The development of MOOCs, podcasts and many other initiatives to move the relation between the source of knowledge and the learner makes us reflect on our own practices and on how we could do things differently. In January, I was fortunate to attend a workshop run by Ewan Mc Intosh.

One of the tasks that we were asked to do was to identify a problem that we encounter when we integrate technology in our school. We had to generate as many ideas as we could. Then, he showed us a visual with about thirty famous brands on a screen and asked us: “What would X do with this idea ?” We then realised that although we were all teachers, we could find inspiration from anything around us, including companies like Spotify, Google, Formula one, Ikea, etc. So we though about Spotify as they would probably have teachers create playlists or F1 which could design a tech pit stop in the corridor for anyone who would need a precise and quick help. Suddenly, we had hundreds of new ideas. This is the power of having more than one way of seeing!


What Cathy Davidson says about wikipedia also rings a bell:

“Wikipedia is an educator’s fantasy, all the world’s knowledge shared voluntarily and free in a format theoretically available to all, and which anyone can edit. Instead of banning it, I challenged my students to use their knowledge to make Wikipedia better.”

This is it! Knowledge is everywhere and accessible in one click so the real value of Education lies in how we evaluate it and what we do with it. Students must be challenged to think, create and innovate. New approaches and tools help schools to define a better use of students and teachers time. In their own time and pace, students can learn by watching vodcasts, listening to podcasts, writing blogs, commenting on their peers blog, etc. Class time is then organised around inquiry, group discussions, thinking routines and projects. In our school, like in many others, Google apps have become the norm to work collaboratively and share documents, photos or videos between all the members of the school community. Some parents -and teachers- still believe that students should know how to write and read. Of course they should! They simply don’t do it in the same way and with the same purpose. When Heidi Hayes Jacob declares in the following video that the enemy is the Number two pencil, she meets Cathy Davidson’s point of view when she reflects on her students blog skills at Duke:

“Their writing online, at least in their blogs, was incomparably better than in the traditional papers. In fact, given all the tripe one hears from pundits about how the Internet dumbs our kids down, I was shocked that elegant bloggers often turned out to be the clunkiest and most pretentious of research-paper writers.”

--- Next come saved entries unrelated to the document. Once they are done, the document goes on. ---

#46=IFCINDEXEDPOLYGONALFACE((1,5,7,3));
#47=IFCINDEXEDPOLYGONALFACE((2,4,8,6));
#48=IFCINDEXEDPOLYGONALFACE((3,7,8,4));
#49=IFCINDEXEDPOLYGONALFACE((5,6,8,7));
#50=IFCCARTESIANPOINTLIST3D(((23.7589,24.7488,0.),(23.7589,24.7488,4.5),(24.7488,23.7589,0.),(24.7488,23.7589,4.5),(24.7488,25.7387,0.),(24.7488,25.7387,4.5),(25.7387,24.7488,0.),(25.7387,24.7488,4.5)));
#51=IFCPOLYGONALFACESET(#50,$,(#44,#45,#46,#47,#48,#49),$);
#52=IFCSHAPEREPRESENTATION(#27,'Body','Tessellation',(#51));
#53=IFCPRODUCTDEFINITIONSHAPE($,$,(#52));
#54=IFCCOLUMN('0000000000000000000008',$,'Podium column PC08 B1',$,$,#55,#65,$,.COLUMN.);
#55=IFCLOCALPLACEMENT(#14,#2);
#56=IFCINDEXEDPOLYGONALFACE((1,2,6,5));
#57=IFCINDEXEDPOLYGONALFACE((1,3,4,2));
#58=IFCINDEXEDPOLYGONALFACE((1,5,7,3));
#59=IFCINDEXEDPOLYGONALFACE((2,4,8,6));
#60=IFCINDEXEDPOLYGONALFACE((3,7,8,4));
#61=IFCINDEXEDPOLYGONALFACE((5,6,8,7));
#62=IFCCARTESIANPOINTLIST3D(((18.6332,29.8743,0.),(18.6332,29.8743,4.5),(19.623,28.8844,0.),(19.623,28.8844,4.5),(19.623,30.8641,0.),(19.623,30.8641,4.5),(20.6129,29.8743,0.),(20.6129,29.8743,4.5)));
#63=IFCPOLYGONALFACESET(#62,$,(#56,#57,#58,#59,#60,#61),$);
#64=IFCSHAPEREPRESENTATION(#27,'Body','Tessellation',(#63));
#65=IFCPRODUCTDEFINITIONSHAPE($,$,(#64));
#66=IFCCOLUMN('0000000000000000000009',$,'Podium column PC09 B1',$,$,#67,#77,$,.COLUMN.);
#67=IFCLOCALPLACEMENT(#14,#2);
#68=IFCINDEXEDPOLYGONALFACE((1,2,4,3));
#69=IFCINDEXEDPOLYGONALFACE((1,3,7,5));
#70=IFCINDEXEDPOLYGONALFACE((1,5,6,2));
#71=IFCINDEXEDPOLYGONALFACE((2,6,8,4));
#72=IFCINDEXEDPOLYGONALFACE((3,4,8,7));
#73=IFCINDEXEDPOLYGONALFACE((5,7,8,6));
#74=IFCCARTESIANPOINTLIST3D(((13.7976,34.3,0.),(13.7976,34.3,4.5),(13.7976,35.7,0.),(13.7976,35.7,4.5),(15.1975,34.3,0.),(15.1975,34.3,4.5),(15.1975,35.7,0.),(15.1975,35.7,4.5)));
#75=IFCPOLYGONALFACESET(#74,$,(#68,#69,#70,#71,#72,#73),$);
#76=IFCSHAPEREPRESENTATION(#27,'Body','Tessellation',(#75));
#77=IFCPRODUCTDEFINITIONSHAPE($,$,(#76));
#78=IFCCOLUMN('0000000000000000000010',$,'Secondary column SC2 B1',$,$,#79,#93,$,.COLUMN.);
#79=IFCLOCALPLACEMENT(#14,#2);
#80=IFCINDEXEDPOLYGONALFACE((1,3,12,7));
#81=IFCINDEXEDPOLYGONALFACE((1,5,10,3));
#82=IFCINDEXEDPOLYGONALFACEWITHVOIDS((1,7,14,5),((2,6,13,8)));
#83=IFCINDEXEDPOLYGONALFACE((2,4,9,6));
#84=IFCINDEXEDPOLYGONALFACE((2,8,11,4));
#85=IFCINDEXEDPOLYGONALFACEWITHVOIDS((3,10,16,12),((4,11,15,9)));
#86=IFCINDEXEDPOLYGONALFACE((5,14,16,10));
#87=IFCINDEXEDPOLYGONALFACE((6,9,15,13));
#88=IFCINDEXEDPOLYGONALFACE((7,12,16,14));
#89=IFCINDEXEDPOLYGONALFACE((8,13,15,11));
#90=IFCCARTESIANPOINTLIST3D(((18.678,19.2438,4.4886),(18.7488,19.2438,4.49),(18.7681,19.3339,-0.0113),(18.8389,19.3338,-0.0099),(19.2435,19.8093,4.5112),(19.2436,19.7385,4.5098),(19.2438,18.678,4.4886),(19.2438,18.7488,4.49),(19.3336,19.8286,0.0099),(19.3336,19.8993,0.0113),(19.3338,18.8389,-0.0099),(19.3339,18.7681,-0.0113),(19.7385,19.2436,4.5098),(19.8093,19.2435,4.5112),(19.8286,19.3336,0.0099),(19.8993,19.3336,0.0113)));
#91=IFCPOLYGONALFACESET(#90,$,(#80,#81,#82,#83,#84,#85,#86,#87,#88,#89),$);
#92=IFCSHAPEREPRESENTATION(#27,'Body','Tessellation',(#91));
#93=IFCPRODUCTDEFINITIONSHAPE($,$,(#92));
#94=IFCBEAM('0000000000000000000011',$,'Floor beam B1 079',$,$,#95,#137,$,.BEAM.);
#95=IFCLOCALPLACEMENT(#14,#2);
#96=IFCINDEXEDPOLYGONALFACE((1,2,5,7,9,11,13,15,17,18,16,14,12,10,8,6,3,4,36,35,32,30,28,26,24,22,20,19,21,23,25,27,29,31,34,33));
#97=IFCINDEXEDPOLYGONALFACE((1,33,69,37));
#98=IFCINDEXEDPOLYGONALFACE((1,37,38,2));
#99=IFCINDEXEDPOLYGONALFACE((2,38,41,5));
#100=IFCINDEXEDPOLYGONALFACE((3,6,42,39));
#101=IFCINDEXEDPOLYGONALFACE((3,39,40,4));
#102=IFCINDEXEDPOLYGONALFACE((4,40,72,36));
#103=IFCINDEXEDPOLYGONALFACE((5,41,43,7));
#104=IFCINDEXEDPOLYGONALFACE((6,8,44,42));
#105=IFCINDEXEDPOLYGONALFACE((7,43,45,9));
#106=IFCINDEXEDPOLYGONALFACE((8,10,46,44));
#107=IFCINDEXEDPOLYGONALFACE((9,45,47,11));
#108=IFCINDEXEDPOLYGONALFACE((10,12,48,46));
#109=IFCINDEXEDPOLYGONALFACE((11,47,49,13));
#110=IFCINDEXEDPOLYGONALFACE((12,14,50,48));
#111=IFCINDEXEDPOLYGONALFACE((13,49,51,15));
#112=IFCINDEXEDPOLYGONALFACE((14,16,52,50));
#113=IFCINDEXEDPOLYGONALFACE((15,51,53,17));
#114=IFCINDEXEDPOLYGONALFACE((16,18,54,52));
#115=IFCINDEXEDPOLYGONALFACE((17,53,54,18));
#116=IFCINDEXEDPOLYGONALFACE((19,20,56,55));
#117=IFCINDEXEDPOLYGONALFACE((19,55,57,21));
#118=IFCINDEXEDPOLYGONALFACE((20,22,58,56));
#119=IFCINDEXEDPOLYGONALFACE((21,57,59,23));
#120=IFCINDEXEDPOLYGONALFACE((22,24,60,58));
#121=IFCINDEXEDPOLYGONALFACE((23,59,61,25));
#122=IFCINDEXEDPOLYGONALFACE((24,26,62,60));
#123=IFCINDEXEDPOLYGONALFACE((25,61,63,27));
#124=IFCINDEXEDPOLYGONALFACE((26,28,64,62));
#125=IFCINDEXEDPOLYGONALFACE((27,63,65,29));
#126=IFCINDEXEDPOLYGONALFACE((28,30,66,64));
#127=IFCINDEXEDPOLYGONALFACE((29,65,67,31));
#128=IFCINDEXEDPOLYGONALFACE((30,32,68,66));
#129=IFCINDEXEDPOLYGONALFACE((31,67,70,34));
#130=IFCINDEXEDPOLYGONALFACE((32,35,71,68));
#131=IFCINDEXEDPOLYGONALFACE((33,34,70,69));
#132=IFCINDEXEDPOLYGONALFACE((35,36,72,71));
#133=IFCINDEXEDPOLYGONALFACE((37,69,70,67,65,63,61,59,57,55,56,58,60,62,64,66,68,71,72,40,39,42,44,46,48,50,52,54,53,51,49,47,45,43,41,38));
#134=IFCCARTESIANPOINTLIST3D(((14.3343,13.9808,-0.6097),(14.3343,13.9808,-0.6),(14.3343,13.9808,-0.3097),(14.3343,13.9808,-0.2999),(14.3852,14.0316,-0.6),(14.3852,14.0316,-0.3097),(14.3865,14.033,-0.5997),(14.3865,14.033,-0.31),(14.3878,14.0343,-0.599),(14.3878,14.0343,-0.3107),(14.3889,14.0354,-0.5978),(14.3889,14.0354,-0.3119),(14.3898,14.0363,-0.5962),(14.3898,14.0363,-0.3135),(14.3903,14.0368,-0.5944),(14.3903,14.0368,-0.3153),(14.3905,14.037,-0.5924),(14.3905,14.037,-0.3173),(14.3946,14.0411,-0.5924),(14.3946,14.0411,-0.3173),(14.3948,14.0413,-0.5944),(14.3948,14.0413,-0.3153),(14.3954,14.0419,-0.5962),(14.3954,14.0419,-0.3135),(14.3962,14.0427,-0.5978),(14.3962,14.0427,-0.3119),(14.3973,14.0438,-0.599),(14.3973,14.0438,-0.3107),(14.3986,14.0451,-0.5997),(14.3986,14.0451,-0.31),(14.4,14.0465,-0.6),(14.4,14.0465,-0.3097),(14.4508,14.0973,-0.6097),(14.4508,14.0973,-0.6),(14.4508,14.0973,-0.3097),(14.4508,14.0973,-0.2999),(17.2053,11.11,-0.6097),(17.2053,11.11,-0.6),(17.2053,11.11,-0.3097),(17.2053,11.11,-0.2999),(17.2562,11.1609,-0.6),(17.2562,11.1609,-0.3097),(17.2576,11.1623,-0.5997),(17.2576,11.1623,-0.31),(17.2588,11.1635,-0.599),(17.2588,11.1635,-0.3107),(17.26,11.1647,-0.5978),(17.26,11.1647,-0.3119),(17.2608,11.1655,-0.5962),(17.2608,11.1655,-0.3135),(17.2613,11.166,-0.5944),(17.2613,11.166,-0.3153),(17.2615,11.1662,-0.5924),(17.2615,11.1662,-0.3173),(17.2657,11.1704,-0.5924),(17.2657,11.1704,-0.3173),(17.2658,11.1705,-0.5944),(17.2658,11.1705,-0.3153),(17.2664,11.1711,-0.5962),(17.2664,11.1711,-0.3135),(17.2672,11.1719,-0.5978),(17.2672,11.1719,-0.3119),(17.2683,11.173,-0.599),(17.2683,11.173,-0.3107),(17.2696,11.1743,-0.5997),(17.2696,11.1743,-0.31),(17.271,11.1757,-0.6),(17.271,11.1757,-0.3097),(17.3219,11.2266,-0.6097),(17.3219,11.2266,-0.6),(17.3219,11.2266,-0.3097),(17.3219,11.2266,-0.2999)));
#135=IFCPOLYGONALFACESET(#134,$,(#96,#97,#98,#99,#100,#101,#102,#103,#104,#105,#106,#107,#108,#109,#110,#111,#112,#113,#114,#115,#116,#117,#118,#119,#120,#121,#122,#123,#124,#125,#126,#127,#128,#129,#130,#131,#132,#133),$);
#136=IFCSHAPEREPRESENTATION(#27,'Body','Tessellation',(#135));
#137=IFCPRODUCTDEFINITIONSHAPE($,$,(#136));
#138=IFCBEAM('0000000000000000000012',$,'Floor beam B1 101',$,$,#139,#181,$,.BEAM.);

In many schools, technology has grown a lot in the past five to ten years so that many students can access a connected device. But figures only do not make the success. It also takes dispositions. The approach of teaching and learning has also changed in many of my colleagues’ mind and this is an absolute prerequisite to any change. Like any school, we still have some skeptics which forces us to define well our arguments and make our thinking even more visible. Prakash Nair says  “the Classroom Is Obsolete: It’s Time for Something New”.

The walls of the classroom have already been torn down and the windows are now a lot wider than even.